Variables included are as follows:

  • Start.Week: ranges from January 1, 2020, to December 27, 2023, with a median date of January 26, 2022.

  • End.Week: ranges from January 8, 2020, to January 3, 2024, with a median date of November 24, 2021.

  • MMWRyear: ranges from 2020 to 2023, with a median year of 2022.

  • MMWRweek: ranges from 1 to 53, with a median week of 28.

  • Jurisdiction: has only one value: “United States”.

  • Age.Group: includes “0-17 years”, “18-64 years”, “65 years and over”, and “All Ages”.

  • COVID-19 Deaths: Minimum: -11825, Maximum: 16635, Median: 2786.5, Mean: 2823.4

  • Pneumonia Deaths: Minimum: -6492, Maximum: 11465, Median: 2936, Mean: 2931.6

  • Influenza Deaths: Minimum: -318, Maximum: 402, Median: 51, Mean: 49.57

# Histogram Plots for Synthetic Data
synthetic_df %>%
  select(Pneumonia.Deaths, Influenza.Deaths, COVID.19.Deaths) %>%
  gather() %>%
  ggplot(aes(value)) +
  geom_histogram(color='black', fill='steelblue') +
  facet_wrap(~key, scales = 'free') +
  ggtitle("Numerical Predictors - Histograms (Synthetic Data)") + 
  theme_minimal()

Histograms of Synthetic Data:

  • COVID-19 Deaths: The histogram for COVID-19 deaths shows a symmetrical distribution centered around zero, with a range extending roughly from -10,000 to 10,000. The highest frequency of values lies close to the mean, with the counts tapering off symmetrically as they move away from the center.

  • Influenza Deaths: Similar to the COVID-19 deaths, the histogram for influenza deaths also shows a symmetrical distribution around zero. The range is narrower, extending from approximately -200 to 400, with the highest concentration of values close to the mean.

  • Pneumonia Deaths: The histogram for pneumonia deaths displays a wider range compared to influenza, extending from around -5,000 to 10,000. The distribution is symmetrical, with the highest frequencies near the center.

# Box Plots for Synthetic Data
synthetic_df %>%
  select(Pneumonia.Deaths, Influenza.Deaths, COVID.19.Deaths) %>%
  gather() %>%
  ggplot(aes(value)) +
  geom_boxplot(color='black', fill='steelblue') +
  facet_wrap(~key, scales = 'free') +
  ggtitle("Numerical Predictors - Boxplots (Synthetic Data)") + 
  theme_minimal()

Box Plots of Synthetic Data:

  • COVID-19 Deaths: The box plot for COVID-19 deaths indicates that the data is centered around zero.
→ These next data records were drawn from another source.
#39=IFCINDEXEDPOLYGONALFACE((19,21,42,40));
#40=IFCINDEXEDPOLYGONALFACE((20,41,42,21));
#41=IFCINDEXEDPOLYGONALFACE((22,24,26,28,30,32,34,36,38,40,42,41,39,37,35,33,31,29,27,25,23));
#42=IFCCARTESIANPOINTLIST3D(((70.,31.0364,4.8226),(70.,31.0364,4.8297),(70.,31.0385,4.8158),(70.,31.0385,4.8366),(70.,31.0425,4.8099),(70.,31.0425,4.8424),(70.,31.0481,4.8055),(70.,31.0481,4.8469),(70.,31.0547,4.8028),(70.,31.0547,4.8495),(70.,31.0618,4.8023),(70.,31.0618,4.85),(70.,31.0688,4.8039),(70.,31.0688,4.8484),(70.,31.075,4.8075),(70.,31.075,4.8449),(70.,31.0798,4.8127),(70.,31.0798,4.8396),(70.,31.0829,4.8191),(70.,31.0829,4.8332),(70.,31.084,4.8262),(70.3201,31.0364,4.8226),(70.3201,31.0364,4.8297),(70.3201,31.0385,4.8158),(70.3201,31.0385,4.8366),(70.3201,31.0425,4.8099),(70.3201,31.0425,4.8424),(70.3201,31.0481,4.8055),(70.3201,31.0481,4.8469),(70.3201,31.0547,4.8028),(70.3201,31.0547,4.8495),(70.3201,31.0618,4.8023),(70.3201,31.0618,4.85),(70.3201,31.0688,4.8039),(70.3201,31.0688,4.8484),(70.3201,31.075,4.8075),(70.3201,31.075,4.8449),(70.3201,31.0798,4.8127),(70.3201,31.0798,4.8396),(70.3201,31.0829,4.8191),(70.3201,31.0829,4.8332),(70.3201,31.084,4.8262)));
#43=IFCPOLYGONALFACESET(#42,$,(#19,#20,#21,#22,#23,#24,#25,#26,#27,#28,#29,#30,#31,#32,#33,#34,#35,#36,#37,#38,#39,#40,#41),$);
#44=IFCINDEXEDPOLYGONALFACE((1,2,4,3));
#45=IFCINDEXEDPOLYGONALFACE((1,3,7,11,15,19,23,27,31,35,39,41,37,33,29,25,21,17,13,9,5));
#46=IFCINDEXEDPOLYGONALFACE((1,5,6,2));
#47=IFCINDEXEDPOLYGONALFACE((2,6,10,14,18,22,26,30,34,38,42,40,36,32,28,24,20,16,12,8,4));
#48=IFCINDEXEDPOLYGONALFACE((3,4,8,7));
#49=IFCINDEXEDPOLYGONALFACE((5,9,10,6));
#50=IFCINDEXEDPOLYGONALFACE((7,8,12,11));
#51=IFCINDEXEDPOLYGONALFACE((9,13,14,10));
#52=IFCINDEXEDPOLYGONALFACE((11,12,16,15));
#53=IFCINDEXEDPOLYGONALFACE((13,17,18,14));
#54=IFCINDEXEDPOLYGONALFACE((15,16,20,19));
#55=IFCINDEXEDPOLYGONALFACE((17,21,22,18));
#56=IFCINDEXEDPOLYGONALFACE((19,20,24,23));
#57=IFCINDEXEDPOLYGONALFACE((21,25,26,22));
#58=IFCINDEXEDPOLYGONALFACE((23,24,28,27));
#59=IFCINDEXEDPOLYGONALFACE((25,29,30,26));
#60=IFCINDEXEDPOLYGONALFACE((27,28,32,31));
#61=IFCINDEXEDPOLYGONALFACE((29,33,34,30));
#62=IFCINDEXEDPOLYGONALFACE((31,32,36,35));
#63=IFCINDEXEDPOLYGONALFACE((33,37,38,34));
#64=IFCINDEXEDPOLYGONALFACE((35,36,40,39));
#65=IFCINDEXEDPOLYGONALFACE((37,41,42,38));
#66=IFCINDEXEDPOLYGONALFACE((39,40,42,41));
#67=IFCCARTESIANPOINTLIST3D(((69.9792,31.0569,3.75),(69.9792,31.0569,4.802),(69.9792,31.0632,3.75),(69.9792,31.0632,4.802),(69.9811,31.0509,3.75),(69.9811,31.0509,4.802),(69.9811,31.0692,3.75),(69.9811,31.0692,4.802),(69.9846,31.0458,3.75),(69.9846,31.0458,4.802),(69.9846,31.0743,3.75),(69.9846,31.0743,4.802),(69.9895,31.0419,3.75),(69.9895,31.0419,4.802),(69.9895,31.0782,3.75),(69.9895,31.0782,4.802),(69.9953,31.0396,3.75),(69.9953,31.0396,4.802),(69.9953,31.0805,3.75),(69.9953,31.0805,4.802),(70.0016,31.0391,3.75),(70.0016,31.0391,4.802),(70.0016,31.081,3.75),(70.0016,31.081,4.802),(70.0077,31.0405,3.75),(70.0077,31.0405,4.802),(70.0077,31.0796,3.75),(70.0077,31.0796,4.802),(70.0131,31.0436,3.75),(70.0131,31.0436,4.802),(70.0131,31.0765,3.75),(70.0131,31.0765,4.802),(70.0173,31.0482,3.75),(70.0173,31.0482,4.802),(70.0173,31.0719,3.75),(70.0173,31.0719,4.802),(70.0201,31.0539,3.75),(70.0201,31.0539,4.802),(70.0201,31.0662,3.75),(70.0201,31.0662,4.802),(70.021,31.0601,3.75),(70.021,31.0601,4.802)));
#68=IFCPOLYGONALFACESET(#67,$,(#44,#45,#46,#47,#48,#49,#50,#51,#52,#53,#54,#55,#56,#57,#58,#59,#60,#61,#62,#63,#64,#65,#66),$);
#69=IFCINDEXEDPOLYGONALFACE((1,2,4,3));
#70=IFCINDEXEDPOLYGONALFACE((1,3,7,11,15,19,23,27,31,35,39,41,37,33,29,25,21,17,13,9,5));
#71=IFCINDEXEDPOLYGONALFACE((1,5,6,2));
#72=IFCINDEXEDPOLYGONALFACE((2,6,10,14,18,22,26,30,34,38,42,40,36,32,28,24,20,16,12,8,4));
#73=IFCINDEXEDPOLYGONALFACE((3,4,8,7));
The interquartile range (IQR) is very narrow, with a few outliers extending to approximately negative or positive 10,000.
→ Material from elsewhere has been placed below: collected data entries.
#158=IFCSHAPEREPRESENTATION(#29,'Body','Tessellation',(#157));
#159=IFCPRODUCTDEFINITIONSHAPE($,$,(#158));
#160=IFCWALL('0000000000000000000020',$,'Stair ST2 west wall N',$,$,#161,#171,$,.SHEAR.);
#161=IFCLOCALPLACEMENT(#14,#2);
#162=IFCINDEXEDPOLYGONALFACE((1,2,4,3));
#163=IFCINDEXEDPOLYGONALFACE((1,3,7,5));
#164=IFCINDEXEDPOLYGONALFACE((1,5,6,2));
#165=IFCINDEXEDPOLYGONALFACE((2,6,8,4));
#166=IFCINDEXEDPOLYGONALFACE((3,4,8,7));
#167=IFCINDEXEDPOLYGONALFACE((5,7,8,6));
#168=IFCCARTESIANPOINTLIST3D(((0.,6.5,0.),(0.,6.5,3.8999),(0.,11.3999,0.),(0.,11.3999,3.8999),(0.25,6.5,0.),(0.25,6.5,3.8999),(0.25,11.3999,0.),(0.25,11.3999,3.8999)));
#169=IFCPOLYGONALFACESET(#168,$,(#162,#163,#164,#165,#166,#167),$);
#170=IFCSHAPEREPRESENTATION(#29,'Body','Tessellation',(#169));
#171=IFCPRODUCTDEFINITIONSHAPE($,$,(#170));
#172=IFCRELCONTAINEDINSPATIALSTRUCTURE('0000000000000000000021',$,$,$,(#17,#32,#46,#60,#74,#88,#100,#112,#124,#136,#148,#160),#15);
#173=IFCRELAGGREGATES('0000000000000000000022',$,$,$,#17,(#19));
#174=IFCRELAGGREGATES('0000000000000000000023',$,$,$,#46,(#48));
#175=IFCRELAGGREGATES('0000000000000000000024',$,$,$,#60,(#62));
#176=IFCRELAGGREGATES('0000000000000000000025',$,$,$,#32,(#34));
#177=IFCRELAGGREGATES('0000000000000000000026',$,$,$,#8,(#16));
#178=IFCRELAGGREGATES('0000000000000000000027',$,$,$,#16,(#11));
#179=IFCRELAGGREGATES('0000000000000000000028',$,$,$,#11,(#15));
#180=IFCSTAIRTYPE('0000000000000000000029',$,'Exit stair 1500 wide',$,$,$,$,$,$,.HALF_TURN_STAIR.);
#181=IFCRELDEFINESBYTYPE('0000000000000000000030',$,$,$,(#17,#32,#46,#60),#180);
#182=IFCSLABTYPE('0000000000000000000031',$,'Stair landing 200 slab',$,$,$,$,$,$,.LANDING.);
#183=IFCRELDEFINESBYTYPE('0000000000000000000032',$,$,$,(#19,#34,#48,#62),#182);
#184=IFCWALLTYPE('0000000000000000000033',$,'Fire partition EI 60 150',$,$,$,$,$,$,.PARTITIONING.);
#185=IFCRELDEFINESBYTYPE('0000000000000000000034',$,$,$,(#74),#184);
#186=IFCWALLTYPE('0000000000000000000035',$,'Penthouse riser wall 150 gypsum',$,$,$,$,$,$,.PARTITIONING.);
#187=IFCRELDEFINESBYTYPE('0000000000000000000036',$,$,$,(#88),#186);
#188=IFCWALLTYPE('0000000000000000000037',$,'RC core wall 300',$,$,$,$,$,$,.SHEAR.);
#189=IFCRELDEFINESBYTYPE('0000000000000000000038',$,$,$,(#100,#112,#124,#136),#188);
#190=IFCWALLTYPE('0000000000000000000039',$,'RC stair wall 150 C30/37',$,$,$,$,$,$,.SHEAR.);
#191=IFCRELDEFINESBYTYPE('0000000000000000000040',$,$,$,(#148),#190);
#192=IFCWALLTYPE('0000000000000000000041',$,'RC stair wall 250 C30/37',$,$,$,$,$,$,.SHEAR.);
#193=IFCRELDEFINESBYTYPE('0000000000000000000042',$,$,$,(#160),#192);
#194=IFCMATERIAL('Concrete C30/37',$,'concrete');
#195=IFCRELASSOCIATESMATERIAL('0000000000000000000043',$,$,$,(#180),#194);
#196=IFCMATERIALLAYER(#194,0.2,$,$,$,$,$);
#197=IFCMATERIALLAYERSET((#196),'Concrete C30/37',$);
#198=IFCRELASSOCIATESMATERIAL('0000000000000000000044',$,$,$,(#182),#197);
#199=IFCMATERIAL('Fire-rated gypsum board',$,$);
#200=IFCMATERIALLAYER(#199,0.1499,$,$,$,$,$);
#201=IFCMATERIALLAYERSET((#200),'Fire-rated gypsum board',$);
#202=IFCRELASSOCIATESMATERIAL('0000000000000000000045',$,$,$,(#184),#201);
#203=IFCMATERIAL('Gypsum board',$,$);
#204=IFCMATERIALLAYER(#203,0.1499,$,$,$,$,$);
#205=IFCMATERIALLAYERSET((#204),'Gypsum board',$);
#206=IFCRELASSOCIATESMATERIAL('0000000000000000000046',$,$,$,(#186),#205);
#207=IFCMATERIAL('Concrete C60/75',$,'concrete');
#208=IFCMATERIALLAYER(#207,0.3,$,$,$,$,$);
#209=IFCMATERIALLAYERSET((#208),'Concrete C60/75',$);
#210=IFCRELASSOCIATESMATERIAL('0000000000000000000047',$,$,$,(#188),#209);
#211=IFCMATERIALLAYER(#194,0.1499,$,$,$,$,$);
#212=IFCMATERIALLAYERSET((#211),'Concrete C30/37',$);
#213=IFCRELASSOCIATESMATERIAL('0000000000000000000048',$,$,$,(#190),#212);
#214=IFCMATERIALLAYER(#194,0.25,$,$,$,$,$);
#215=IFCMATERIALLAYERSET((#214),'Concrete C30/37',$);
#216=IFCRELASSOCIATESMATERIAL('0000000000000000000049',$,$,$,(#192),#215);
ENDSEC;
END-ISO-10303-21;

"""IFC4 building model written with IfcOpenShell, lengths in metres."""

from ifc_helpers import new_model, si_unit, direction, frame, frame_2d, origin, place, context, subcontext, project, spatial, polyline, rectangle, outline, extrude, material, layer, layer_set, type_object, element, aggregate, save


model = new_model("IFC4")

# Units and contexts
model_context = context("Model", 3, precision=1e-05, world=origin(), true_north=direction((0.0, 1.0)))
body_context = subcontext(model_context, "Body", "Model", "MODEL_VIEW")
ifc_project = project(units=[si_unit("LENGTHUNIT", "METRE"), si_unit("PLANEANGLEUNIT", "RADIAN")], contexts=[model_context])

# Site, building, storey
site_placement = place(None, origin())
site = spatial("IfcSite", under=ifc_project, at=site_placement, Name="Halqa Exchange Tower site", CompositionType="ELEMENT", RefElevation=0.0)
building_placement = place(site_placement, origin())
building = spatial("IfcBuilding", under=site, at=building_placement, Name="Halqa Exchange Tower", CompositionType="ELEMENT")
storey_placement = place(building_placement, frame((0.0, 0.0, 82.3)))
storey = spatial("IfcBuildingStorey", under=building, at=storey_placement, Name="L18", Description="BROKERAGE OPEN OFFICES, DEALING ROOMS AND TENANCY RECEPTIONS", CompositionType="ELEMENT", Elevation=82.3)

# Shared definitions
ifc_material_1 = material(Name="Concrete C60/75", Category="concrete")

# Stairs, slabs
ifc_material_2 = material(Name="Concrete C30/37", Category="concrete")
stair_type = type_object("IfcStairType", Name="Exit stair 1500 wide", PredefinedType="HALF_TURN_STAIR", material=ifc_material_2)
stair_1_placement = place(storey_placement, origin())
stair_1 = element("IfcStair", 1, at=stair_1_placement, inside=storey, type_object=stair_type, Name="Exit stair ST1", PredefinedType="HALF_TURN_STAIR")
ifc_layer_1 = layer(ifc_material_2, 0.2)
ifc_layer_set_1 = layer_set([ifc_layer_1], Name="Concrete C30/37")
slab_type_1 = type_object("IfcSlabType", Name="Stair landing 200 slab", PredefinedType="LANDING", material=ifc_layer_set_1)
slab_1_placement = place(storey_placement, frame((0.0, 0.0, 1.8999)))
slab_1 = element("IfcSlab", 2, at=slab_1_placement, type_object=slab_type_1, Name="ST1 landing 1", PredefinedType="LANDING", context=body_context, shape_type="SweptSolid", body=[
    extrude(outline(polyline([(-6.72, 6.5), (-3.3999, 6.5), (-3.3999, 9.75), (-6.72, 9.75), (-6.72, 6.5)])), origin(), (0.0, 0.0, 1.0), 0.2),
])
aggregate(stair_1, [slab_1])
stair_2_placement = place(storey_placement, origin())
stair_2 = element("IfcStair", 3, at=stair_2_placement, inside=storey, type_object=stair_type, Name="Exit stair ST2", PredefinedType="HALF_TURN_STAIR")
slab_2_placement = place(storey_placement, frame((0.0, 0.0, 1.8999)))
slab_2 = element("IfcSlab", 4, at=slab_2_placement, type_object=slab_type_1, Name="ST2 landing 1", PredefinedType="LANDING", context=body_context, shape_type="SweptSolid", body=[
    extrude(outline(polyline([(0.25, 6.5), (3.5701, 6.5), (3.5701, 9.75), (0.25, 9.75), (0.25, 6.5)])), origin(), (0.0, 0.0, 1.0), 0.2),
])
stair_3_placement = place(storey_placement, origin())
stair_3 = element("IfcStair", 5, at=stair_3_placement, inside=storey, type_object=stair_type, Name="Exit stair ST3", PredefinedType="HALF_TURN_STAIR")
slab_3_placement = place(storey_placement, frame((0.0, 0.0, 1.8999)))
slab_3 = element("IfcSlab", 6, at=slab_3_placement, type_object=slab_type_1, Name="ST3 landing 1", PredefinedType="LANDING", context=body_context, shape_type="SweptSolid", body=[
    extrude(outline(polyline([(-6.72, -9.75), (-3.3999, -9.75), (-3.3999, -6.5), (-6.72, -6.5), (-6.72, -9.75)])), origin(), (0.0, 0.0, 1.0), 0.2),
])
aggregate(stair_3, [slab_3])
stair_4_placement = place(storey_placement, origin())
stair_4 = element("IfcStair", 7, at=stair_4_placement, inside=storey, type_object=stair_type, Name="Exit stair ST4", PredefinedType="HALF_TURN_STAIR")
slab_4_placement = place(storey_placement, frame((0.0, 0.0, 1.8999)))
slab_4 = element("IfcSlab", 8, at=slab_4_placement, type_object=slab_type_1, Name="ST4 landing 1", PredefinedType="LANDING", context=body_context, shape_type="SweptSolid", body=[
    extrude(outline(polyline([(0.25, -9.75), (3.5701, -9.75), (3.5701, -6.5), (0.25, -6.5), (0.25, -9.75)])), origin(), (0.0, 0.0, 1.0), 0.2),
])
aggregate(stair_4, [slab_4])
  • Influenza Deaths: The box plot for influenza deaths also shows a central tendency around zero with a narrow IQR. Outliers are present but less extreme compared to COVID-19 deaths.

  • Pneumonia Deaths: The box plot for pneumonia deaths follows a similar pattern, with the data centered around zero and a narrow IQR. There are a few significant outliers extending to negative or positive 10,000.

Conclusion:

The synthetic data generation process has created a dataset that closely mirrors the original data’s structure and statistical properties. Key insights from the synthetic data include:

  • COVID-19 Deaths: The data shows a significant impact, with death counts ranging from -11,825 to 16,635. The median death count is 2,786.5, indicating substantial variability in the number of deaths.
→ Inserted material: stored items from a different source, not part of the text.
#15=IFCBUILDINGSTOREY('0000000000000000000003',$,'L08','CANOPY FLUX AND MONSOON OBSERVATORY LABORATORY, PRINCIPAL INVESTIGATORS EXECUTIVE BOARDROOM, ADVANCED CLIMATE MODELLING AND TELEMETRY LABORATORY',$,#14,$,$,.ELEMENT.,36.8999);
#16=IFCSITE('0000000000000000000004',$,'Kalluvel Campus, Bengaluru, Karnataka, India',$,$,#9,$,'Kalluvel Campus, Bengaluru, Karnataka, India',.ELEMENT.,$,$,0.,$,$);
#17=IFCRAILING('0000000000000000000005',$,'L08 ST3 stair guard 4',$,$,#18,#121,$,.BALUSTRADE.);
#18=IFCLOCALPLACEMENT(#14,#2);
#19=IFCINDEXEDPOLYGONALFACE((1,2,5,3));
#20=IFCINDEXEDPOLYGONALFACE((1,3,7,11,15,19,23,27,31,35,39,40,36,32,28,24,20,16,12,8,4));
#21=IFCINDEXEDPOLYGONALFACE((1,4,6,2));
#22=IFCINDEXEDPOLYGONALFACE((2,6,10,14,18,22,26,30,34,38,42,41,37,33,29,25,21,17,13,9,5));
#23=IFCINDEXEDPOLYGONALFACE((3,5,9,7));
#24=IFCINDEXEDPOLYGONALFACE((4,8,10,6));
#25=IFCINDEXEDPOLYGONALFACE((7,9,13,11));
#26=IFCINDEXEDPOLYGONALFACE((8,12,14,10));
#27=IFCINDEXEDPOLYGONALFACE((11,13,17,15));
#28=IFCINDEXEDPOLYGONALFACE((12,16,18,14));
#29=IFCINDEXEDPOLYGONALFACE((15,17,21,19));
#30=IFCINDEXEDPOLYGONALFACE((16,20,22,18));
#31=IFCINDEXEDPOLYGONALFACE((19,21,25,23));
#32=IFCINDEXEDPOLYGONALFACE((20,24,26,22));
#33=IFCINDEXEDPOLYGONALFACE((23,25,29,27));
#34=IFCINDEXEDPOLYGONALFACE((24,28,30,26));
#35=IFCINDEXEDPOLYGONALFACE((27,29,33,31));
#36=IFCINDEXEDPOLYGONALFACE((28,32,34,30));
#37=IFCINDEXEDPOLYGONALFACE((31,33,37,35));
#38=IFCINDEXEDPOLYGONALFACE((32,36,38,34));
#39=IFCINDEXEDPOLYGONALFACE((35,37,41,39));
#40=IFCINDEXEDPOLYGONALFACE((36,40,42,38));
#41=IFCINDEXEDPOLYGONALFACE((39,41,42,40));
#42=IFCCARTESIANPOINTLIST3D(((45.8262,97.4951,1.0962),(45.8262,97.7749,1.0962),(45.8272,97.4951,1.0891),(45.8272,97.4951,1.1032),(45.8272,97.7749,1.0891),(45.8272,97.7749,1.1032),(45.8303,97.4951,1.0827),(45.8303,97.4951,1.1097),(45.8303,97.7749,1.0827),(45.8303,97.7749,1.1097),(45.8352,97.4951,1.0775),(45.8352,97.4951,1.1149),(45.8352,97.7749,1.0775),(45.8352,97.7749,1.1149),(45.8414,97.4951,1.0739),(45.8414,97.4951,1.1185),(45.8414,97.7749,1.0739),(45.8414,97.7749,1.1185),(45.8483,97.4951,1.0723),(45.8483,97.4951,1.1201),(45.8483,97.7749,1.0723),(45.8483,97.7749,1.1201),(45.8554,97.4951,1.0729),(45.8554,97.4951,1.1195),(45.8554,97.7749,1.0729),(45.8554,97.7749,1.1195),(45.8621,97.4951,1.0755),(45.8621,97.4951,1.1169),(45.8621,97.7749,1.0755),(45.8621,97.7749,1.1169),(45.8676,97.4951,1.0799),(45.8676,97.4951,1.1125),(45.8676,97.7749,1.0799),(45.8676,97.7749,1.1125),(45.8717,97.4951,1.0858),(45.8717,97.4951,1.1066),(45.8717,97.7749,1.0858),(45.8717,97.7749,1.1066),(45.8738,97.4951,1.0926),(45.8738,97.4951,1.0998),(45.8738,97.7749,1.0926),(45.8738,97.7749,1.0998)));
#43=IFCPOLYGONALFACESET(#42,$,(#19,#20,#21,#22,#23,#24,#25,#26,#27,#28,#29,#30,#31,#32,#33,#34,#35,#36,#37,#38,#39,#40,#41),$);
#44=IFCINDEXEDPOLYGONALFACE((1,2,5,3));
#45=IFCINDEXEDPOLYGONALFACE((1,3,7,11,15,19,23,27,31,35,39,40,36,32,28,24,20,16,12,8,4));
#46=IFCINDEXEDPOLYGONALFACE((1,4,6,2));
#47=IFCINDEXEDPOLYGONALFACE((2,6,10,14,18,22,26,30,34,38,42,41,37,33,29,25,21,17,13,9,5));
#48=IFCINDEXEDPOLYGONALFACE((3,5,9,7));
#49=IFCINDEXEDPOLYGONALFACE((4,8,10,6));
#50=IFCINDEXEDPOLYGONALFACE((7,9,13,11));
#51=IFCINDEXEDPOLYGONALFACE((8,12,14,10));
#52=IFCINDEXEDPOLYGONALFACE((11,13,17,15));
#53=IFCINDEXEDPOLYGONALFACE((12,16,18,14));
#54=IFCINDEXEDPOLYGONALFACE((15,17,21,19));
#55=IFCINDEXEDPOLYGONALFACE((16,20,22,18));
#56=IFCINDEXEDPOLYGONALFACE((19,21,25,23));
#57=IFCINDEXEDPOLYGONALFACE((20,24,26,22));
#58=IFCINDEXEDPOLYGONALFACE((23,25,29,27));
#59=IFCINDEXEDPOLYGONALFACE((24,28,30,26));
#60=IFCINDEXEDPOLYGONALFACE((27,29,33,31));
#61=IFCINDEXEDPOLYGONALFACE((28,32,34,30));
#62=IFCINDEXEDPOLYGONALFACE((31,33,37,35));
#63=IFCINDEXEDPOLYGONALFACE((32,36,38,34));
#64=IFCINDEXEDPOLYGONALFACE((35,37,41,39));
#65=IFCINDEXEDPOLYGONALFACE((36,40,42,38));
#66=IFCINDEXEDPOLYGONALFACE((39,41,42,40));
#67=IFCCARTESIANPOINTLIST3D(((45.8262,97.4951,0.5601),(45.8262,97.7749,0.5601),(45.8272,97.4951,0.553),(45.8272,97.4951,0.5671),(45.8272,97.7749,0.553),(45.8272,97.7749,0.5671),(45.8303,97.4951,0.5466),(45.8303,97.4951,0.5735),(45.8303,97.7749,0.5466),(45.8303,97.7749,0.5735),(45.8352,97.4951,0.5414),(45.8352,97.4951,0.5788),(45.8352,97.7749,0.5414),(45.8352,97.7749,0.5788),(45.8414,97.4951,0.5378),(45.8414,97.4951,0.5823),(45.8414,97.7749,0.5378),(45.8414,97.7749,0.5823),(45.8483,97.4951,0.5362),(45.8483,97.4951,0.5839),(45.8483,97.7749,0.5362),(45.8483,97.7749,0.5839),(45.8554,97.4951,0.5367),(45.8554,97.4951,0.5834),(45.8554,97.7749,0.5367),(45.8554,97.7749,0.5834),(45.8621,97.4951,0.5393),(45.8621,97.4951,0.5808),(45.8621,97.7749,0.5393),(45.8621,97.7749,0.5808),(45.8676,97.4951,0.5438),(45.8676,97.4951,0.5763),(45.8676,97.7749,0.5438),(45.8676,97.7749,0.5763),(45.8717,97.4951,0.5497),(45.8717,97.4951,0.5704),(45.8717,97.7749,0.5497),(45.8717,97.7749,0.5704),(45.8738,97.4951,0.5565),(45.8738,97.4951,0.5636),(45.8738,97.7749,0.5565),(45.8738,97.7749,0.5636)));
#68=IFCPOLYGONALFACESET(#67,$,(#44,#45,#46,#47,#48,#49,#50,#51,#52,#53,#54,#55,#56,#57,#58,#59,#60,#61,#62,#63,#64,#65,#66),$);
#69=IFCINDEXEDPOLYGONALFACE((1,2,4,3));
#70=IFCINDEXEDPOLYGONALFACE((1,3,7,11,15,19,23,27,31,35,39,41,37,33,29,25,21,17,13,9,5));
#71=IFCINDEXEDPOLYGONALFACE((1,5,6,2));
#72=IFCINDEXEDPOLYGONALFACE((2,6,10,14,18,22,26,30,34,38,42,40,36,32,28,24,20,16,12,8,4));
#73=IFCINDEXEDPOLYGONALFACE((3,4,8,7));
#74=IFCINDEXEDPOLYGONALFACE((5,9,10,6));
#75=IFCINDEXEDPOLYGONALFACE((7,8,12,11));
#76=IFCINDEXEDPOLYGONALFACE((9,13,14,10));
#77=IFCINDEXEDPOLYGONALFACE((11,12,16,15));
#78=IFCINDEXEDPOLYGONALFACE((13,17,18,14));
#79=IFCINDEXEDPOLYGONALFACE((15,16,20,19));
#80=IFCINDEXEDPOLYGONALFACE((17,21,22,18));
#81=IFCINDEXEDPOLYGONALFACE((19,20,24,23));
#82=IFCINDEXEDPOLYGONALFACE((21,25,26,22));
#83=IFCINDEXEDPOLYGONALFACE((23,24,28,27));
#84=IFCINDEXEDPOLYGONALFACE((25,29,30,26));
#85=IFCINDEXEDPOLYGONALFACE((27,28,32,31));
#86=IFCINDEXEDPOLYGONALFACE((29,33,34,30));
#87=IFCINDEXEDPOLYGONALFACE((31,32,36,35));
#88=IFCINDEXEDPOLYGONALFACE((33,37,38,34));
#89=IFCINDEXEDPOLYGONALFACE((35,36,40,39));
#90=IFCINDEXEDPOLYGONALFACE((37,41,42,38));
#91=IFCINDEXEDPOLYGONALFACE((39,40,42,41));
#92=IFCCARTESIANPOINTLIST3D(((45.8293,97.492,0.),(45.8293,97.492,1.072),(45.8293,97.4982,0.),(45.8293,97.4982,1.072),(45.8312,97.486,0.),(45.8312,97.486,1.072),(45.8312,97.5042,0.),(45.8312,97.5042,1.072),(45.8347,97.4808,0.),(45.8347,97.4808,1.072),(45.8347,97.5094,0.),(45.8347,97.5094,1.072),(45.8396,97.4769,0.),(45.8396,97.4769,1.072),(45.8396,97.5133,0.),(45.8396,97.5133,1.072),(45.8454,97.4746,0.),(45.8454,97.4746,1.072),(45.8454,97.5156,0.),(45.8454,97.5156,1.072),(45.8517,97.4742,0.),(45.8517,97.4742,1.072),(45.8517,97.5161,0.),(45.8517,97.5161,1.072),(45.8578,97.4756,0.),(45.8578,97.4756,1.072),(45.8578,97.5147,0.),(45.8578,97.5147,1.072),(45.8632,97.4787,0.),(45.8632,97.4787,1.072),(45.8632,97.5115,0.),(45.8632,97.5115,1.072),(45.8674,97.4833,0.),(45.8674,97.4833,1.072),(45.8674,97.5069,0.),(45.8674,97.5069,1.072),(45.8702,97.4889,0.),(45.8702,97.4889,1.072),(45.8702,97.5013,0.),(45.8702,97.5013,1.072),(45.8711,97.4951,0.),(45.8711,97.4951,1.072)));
  • Pneumonia Deaths: Death counts range from -6,492 to 11,465, with a median of 2,936. This suggests considerable fluctuation in the impact of pneumonia over the observed period.

  • Influenza Deaths: The range of death counts is narrower, from -318 to 402, with a median of 51. This indicates that while influenza deaths are generally lower, they still exhibit variability.

Overall, the synthetic dataset provides us with a realistic and an alternative for analysis, allowing us to explore and model the data without compromising the original dataset. This synthetic data retains the key characteristics necessary for effective exploratory data analysis and modeling.